Gifted and talented students and those with high abilities need gifted education programs that will challenge them in regular classroom settings and enrichment and accelerated programs to enable them to make continuous progress in school.
- According to a recent report on high-achieving students, more than 7 in 10 teachers of these students surveyed noted that their brightest students were not challenged or given a chance to “thrive” in their classrooms.  Additionally, gifted students need gifted programming in many cases because the “general education program is not yet ready to meet the needs of gifted students” (p. 9) due to lack of general educators’ training in gifted education and the pressure classroom teachers face to raise the performance of their struggling students. 

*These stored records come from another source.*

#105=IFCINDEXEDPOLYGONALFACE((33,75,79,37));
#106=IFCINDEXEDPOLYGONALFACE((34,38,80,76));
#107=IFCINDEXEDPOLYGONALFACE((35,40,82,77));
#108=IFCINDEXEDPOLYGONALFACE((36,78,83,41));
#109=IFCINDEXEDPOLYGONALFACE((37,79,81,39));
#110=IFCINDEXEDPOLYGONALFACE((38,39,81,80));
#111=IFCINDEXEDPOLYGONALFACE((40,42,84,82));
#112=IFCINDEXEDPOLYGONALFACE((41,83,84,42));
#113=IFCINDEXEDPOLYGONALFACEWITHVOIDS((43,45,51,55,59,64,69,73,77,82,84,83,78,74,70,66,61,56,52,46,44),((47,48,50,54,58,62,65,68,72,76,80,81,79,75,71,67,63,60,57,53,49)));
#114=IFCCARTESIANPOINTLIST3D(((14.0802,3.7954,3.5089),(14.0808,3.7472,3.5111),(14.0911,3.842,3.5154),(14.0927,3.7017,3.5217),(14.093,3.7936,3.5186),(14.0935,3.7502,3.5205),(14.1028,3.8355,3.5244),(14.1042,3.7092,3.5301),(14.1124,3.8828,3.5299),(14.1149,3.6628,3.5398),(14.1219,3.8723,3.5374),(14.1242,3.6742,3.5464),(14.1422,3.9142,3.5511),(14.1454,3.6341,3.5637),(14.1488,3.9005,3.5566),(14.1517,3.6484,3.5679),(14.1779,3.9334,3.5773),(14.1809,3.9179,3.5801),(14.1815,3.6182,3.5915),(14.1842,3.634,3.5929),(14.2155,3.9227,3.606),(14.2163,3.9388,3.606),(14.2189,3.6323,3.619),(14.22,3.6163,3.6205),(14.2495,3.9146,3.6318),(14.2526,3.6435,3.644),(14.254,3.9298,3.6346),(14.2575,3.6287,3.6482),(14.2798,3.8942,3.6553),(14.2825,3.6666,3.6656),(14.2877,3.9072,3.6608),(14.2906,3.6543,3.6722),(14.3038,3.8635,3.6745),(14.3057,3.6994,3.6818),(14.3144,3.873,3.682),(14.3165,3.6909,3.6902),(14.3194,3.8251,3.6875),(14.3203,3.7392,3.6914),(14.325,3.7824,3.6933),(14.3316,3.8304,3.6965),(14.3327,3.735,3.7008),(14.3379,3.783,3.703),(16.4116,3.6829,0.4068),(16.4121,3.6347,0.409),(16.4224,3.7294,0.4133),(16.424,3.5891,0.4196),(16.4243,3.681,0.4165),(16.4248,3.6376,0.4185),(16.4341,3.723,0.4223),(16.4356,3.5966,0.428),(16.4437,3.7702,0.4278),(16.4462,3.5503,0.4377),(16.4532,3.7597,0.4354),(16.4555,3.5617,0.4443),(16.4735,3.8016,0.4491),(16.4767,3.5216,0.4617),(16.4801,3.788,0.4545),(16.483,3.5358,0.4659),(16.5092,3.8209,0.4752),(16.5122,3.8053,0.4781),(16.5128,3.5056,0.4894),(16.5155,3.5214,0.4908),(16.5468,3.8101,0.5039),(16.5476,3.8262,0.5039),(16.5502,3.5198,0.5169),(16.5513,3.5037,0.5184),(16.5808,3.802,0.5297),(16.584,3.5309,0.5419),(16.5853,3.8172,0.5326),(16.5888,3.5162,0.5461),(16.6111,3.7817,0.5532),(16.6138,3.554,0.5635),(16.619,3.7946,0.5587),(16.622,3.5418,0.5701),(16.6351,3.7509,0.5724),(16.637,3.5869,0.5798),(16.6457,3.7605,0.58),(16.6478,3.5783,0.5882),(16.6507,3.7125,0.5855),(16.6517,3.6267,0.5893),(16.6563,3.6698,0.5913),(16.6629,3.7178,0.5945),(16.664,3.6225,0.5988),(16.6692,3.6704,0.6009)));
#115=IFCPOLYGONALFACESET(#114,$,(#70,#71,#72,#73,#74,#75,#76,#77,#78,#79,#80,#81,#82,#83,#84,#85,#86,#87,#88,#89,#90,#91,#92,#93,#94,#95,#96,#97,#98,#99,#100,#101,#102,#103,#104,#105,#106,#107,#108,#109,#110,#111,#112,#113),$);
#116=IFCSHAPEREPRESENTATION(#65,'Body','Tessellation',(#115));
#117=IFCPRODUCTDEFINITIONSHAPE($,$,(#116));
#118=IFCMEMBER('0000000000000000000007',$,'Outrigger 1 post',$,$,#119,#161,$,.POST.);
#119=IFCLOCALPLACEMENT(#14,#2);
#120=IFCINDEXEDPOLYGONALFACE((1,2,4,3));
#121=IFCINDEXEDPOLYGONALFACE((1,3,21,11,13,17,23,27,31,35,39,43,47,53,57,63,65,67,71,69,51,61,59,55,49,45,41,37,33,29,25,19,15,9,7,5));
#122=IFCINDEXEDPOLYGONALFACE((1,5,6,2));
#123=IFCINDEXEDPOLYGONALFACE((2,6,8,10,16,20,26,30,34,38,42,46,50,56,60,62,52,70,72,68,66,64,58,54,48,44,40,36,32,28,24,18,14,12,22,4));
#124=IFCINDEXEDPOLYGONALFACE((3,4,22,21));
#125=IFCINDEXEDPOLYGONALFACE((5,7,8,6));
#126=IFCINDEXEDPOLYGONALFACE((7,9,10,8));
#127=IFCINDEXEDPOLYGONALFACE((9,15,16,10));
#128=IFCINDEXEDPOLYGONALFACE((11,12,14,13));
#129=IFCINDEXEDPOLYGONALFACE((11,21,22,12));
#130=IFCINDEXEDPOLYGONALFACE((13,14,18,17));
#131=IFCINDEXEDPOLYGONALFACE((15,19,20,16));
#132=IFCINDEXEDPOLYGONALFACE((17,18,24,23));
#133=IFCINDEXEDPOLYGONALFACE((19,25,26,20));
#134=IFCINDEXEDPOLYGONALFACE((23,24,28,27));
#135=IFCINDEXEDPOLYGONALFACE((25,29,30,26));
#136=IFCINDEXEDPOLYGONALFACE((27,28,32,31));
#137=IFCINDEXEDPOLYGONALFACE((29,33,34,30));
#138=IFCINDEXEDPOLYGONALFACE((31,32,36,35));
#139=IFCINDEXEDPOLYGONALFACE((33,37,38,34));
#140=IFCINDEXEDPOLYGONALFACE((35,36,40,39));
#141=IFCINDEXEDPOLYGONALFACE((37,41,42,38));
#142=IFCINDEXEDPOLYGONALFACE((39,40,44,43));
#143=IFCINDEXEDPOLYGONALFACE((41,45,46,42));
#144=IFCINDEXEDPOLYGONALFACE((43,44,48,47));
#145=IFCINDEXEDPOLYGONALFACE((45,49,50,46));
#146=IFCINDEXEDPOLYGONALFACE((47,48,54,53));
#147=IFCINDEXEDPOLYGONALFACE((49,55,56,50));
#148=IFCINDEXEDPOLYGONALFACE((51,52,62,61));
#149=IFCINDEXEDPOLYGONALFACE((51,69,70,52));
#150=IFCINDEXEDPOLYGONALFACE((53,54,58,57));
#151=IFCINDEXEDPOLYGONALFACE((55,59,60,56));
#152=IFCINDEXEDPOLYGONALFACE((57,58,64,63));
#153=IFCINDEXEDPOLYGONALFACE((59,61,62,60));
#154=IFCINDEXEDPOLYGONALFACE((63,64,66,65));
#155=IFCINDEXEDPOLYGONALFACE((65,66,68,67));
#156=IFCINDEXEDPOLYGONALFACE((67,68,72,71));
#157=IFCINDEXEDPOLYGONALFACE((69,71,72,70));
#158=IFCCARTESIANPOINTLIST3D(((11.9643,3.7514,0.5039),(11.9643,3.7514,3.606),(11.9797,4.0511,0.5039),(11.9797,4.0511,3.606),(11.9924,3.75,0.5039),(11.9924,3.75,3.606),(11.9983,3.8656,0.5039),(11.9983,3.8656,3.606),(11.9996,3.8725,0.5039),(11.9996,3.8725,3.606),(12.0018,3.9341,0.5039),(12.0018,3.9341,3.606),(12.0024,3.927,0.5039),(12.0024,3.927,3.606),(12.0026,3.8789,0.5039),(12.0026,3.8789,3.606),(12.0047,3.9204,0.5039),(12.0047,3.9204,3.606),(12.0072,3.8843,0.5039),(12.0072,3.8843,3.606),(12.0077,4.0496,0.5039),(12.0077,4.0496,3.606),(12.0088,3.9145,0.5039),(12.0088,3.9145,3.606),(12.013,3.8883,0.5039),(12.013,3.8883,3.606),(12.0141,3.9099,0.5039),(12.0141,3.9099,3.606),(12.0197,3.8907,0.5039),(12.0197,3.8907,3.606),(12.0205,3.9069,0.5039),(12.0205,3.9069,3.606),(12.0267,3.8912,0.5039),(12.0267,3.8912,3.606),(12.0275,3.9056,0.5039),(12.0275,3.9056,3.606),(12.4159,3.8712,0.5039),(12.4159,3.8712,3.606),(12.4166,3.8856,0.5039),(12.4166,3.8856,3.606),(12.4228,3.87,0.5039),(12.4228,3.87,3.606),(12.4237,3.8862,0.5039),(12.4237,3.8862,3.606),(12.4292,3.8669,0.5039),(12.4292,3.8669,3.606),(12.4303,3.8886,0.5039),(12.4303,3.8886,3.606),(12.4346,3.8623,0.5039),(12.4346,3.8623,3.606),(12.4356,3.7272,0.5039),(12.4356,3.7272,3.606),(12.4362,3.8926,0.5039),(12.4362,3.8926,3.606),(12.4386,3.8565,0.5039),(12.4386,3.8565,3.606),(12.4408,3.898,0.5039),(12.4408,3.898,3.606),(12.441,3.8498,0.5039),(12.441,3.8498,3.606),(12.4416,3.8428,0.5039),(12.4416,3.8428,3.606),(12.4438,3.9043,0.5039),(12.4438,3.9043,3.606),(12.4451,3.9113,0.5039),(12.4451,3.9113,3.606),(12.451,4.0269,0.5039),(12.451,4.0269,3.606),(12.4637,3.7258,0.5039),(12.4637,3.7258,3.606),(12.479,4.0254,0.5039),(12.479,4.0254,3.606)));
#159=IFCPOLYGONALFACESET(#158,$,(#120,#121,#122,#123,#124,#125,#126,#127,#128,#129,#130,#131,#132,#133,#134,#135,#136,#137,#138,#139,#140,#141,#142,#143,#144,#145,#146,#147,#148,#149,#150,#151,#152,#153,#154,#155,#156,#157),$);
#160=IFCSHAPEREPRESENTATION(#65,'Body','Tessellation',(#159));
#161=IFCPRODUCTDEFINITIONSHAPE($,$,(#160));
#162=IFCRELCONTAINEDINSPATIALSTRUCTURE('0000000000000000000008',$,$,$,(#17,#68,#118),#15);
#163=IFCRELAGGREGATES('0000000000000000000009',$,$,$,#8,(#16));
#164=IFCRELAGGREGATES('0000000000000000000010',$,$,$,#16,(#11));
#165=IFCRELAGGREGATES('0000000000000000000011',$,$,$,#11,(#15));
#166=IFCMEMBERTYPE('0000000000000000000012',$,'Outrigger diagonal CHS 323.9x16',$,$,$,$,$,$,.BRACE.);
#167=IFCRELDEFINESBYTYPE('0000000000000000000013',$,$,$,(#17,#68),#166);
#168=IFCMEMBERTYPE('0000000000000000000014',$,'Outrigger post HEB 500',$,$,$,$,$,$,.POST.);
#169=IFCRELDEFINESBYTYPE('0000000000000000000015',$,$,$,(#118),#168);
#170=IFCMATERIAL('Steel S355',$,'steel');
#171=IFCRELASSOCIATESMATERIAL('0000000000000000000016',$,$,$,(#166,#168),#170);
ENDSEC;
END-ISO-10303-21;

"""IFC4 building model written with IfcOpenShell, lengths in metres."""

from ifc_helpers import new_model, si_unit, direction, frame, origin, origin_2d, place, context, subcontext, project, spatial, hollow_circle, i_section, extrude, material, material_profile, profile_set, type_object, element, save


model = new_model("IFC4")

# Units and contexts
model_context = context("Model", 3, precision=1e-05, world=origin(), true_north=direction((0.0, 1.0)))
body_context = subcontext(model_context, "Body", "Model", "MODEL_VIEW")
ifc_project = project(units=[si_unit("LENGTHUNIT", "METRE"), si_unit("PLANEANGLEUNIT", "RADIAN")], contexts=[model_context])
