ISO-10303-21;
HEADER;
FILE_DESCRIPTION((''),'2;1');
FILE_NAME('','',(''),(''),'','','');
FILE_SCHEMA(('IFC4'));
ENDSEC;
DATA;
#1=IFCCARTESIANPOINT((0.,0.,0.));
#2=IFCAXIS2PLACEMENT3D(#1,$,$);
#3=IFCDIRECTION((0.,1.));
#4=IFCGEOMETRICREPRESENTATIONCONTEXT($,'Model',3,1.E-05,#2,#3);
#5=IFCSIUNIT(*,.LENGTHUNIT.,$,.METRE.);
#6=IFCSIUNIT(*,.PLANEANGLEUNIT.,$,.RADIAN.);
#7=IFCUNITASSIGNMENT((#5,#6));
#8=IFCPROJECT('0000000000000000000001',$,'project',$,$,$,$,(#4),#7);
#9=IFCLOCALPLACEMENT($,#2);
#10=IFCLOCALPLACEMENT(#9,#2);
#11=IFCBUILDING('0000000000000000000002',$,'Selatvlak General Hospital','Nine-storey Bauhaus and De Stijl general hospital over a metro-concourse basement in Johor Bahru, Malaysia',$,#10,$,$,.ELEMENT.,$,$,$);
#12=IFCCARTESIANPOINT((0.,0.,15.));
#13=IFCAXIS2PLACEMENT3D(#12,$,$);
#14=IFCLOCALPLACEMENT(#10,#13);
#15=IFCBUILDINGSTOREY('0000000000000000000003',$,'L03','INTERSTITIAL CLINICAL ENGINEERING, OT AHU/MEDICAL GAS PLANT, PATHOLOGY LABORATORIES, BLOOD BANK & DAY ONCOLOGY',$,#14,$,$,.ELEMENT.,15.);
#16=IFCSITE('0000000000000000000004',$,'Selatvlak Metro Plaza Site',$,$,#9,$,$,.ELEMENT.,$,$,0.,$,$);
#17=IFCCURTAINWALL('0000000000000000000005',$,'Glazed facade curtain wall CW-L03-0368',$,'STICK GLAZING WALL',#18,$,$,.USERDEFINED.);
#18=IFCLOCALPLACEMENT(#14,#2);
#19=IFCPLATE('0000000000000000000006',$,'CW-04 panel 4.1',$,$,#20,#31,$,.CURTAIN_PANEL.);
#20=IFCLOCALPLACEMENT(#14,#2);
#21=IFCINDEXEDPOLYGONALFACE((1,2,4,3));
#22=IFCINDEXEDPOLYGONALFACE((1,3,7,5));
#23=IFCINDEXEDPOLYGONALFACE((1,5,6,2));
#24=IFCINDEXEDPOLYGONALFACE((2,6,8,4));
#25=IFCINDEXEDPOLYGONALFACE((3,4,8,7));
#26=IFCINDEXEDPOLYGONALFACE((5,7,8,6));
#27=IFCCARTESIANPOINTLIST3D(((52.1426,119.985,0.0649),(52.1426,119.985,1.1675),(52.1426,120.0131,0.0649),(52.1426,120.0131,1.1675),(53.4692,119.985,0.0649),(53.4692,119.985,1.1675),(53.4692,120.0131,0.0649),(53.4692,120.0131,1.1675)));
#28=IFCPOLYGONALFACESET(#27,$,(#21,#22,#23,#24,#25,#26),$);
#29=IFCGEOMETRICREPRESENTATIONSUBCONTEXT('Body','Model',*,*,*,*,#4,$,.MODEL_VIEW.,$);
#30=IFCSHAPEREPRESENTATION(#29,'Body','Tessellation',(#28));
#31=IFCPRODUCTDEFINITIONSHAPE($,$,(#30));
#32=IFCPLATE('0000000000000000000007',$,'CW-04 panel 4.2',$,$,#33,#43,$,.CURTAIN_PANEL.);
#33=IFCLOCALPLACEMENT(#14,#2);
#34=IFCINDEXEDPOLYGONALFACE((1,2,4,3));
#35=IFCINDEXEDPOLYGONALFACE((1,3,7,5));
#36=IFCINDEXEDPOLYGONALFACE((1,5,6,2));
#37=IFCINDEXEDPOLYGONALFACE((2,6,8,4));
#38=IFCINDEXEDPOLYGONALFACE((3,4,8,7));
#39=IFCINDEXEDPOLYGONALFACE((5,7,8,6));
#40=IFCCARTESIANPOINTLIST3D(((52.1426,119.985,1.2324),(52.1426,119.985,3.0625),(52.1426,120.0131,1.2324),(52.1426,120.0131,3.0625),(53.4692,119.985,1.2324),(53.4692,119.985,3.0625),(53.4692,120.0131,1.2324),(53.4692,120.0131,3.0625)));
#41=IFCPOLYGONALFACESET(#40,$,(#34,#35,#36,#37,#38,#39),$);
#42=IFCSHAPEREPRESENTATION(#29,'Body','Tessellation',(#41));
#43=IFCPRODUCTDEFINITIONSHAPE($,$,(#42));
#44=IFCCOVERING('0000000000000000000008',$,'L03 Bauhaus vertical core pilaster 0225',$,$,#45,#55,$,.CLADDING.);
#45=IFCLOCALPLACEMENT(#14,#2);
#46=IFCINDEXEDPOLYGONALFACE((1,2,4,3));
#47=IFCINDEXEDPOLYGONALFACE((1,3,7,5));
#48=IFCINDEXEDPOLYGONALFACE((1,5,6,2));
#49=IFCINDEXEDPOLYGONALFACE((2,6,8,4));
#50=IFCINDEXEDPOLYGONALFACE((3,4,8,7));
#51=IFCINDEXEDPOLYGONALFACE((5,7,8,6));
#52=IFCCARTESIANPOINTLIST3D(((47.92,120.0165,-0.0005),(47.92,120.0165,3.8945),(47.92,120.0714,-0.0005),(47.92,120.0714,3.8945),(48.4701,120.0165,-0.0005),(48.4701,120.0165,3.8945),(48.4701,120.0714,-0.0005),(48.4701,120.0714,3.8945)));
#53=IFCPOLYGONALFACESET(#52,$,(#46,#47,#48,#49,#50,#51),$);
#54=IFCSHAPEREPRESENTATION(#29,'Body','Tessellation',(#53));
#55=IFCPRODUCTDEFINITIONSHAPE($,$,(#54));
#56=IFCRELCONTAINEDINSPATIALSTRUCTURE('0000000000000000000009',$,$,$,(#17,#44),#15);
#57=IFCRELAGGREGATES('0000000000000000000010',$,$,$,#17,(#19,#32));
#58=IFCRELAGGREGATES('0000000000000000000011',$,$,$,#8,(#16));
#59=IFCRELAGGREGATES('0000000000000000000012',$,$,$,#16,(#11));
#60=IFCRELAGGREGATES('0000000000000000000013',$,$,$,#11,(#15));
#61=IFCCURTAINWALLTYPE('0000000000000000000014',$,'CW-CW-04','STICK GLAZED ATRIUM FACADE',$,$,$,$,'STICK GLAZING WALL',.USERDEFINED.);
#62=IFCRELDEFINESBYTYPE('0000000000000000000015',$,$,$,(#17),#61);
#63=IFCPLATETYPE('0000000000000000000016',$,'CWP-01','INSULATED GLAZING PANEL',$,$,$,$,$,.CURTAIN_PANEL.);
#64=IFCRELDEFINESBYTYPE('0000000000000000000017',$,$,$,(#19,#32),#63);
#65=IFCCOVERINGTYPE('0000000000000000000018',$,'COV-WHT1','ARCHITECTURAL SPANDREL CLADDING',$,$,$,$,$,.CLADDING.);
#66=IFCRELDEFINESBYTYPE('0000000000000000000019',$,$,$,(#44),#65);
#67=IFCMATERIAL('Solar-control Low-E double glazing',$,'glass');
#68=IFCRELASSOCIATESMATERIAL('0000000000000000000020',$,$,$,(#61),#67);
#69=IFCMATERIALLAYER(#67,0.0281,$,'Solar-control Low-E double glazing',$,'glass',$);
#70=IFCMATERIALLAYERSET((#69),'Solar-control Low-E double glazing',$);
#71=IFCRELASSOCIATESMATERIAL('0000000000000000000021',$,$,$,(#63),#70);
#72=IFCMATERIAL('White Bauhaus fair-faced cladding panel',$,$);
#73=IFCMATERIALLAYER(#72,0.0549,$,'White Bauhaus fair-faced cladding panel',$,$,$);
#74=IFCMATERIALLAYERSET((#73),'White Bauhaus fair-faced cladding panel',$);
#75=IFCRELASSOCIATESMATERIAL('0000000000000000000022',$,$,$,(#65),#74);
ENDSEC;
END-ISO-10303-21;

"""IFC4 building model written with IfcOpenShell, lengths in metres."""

from ifc_helpers import new_model, si_unit, direction, frame, origin, origin_2d, place, context, subcontext, project, spatial, rectangle, extrude, material, layer, layer_set, type_object, element, aggregate, save


model = new_model("IFC4")

# Units and contexts
model_context = context("Model", 3, precision=1e-05, world=origin(), true_north=direction((0.0, 1.0)))
body_context = subcontext(model_context, "Body", "Model", "MODEL_VIEW")
ifc_project = project(units=[si_unit("LENGTHUNIT", "METRE"), si_unit("PLANEANGLEUNIT", "RADIAN")], contexts=[model_context])

# Site, building, storey
site_placement = place(None, origin())
site = spatial("IfcSite", under=ifc_project, at=site_placement, Name="Selatvlak Metro Plaza Site", CompositionType="ELEMENT", RefElevation=0.0)
building_placement = place(site_placement, origin())
building = spatial("IfcBuilding", under=site, at=building_placement, Name="Selatvlak General Hospital", Description="Nine-storey Bauhaus and De Stijl general hospital over a metro-concourse basement in Johor Bahru, Malaysia", CompositionType="ELEMENT")
storey_placement = place(building_placement, frame((0.0, 0.0, 15.0)))
storey = spatial("IfcBuildingStorey", under=building, at=storey_placement, Name="L03", Description="INTERSTITIAL CLINICAL ENGINEERING, OT AHU/MEDICAL GAS PLANT, PATHOLOGY LABORATORIES, BLOOD BANK & DAY ONCOLOGY", CompositionType="ELEMENT", Elevation=15.0)

# Curtain wall, plates
ifc_material_1 = material(Name="Solar-control Low-E double glazing", Category="glass")
curtain_wall_type = type_object("IfcCurtainWallType", Name="CW-CW-04", Description="STICK GLAZED ATRIUM FACADE", ElementType="STICK GLAZING WALL", PredefinedType="USERDEFINED", material=ifc_material_1)
curtain_wall_placement = place(storey_placement, origin())
curtain_wall = element("IfcCurtainWall", 1, at=curtain_wall_placement, inside=storey, type_object=curtain_wall_type, Name="Glazed facade curtain wall CW-L03-0368", ObjectType="STICK GLAZING WALL", PredefinedType="USERDEFINED")
ifc_layer_1 = layer(ifc_material_1, 0.0281, Name="Solar-control Low-E double glazing", Category="glass")
ifc_layer_set_1 = layer_set([ifc_layer_1], Name="Solar-control Low-E double glazing")
plate_type = type_object("IfcPlateType", Name="CWP-01", Description="INSULATED GLAZING PANEL", PredefinedType="CURTAIN_PANEL", material=ifc_layer_set_1)
plate_1_placement = place(storey_placement, frame((52.8059, 119.999, 0.0649), z_axis=(0.0, 0.0, 1.0), x_axis=(1.0, 0.0, 0.0)))
plate_1 = element("IfcPlate", 2, at=plate_1_placement, type_object=plate_type, Name="CW-04 panel 4.1", PredefinedType="CURTAIN_PANEL", context=body_context, shape_type="SweptSolid", body=[
    extrude(rectangle(XDim=1.3267, YDim=0.0281, at=origin_2d()), origin(), (0.0, 0.0, 1.0), 1.1025),
])
plate_2_placement = place(storey_placement, frame((52.8059, 119.999, 1.2324), z_axis=(0.0, 0.0, 1.0), x_axis=(1.0, 0.0, 0.0)))
plate_2 = element("IfcPlate", 3, at=plate_2_placement, type_object=plate_type, Name="CW-04 panel 4.2", PredefinedType="CURTAIN_PANEL", context=body_context, shape_type="SweptSolid", body=[
    extrude(rectangle(XDim=1.3267, YDim=0.0281, at=origin_2d()), origin(), (0.0, 0.0, 1.0), 1.8301),
])
aggregate(curtain_wall, [plate_1, plate_2])

# Covering
ifc_material_2 = material(Name="White Bauhaus fair-faced cladding panel")
ifc_layer_2 = layer(ifc_material_2, 0.0549, Name="White Bauhaus fair-faced cladding panel")
ifc_layer_set_2 = layer_set([ifc_layer_2], Name="White Bauhaus fair-faced cladding panel")
covering_type = type_object("IfcCoveringType", Name="COV-WHT1", Description="ARCHITECTURAL SPANDREL CLADDING", PredefinedType="CLADDING", material=ifc_layer_set_2)
covering_placement = place(storey_placement, frame((48.1951, 120.0439, -0.0005), z_axis=(0.0, 0.0, 1.0), x_axis=(1.0, 0.0, 0.0)))
element("IfcCovering", 4, at=covering_placement, inside=storey, type_object=covering_type, Name="L03 Bauhaus vertical core pilaster 0225", PredefinedType="CLADDING", context=body_context, shape_type="SweptSolid", body=[
    extrude(rectangle(XDim=0.55, YDim=0.0549, at=origin_2d()), origin(), (0.0, 0.0, 1.0), 3.895),
])

save(model, "model.ifc")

- It’s more than just giving students a challenge in classrooms: Gifted programming positively influences students’ futures. Several longitudinal studies have shown that gifted programs have a positive effect on students’ post-secondary plans. For example, studies found that 320 gifted students identified during adolescence who received services through the secondary level pursued doctoral degrees at more than 50X the base rate expectations.  In a follow-up report on the same study participants at age 38, 203 participants, or 63%, reported holding advanced terminal degrees (master’s and above). Of these, 142 (44%) held doctoral degrees and 8 of these 142 had more than one doctoral degree. As a benchmark for this accomplishment, the authors of this study compared these rates to the general U.S. population, noting that only approximately 2% of the general population held a doctoral degree according to the 2010 U.S. Census. 
- Additionally, in a study looking at gifted students who participated in talent development through competitions, the researchers reported a long-term impact on these students’ postsecondary achievements, with 52% of the 345 students who participated having earned doctoral degrees. 
- Further benefits of gifted programs have been shown to include that students who had participated in gifted programs maintained their interests over time and stayed involved in creative productive work after they finished college and graduate school. 
- A sample of 2,409 intellectually talented adolescents (top 1%) who were assessed on the SAT by age 13, and provided services through a talent search program, was tracked longitudinally for more than 25 years. Their creative accomplishments, with particular emphasis on literary achievement and scientific-technical innovation, were examined and results showed that distinct ability patterns identified by age 13 foreshadowed creative accomplishments in middle age. Among the sample, participants had earned 817 patents and published 93 books, one had been awarded the Fields Medal in mathematics, and another had won the John Bates Clark Medal for the most outstanding economist under 40. 
1 Loveless, T., Farkas, S., & Duffett, A. (2008). High-achieving students in the era of NCLB. Washington, DC: Thomas B. Fordham Institute.
2 Hertberg-Davis, H. L., & Callahan, C. M. (2013). Introduction. In H. L. Hertberg-Davis & C. M. Callahan (Eds.), Fundamentals of gifted education (pp. 1–10). New York, NY: Routledge.
3 Lubinski, D., Webb, R. M., Morelock, M. J., & Benbow, C. P. (2001). Top 1 in 10,000: A 10 year follow-up of the profoundly gifted. Journal of Applied Psychology, 4, 718–729.
4 Kell, H. J., Lubinski, D., & Benbow, C. P. (2013). Who rises to the top? Early indicators. Psychological Science, 24, 648–659.
5 Campbell, J. R., & Walberg, H. J. (2011). Olympiad studies: Competitions provide alternatives to developing talents that serve national interests. Roeper Review, 33, 8–17.
6 Westberg, K. L. (1999, Summer). What happens to young, creative producers? NAGC: Creativity and Curriculum Division Newsletter, 3, 13–16.
7 Park, G., Lubinski, D., & Benbow, C. P. (2007) Contrasting intellectual patterns predict creativity in the arts and sciences: Tracking intellectually precocious youth over 25 years. Psychological Science, 18, 948–995.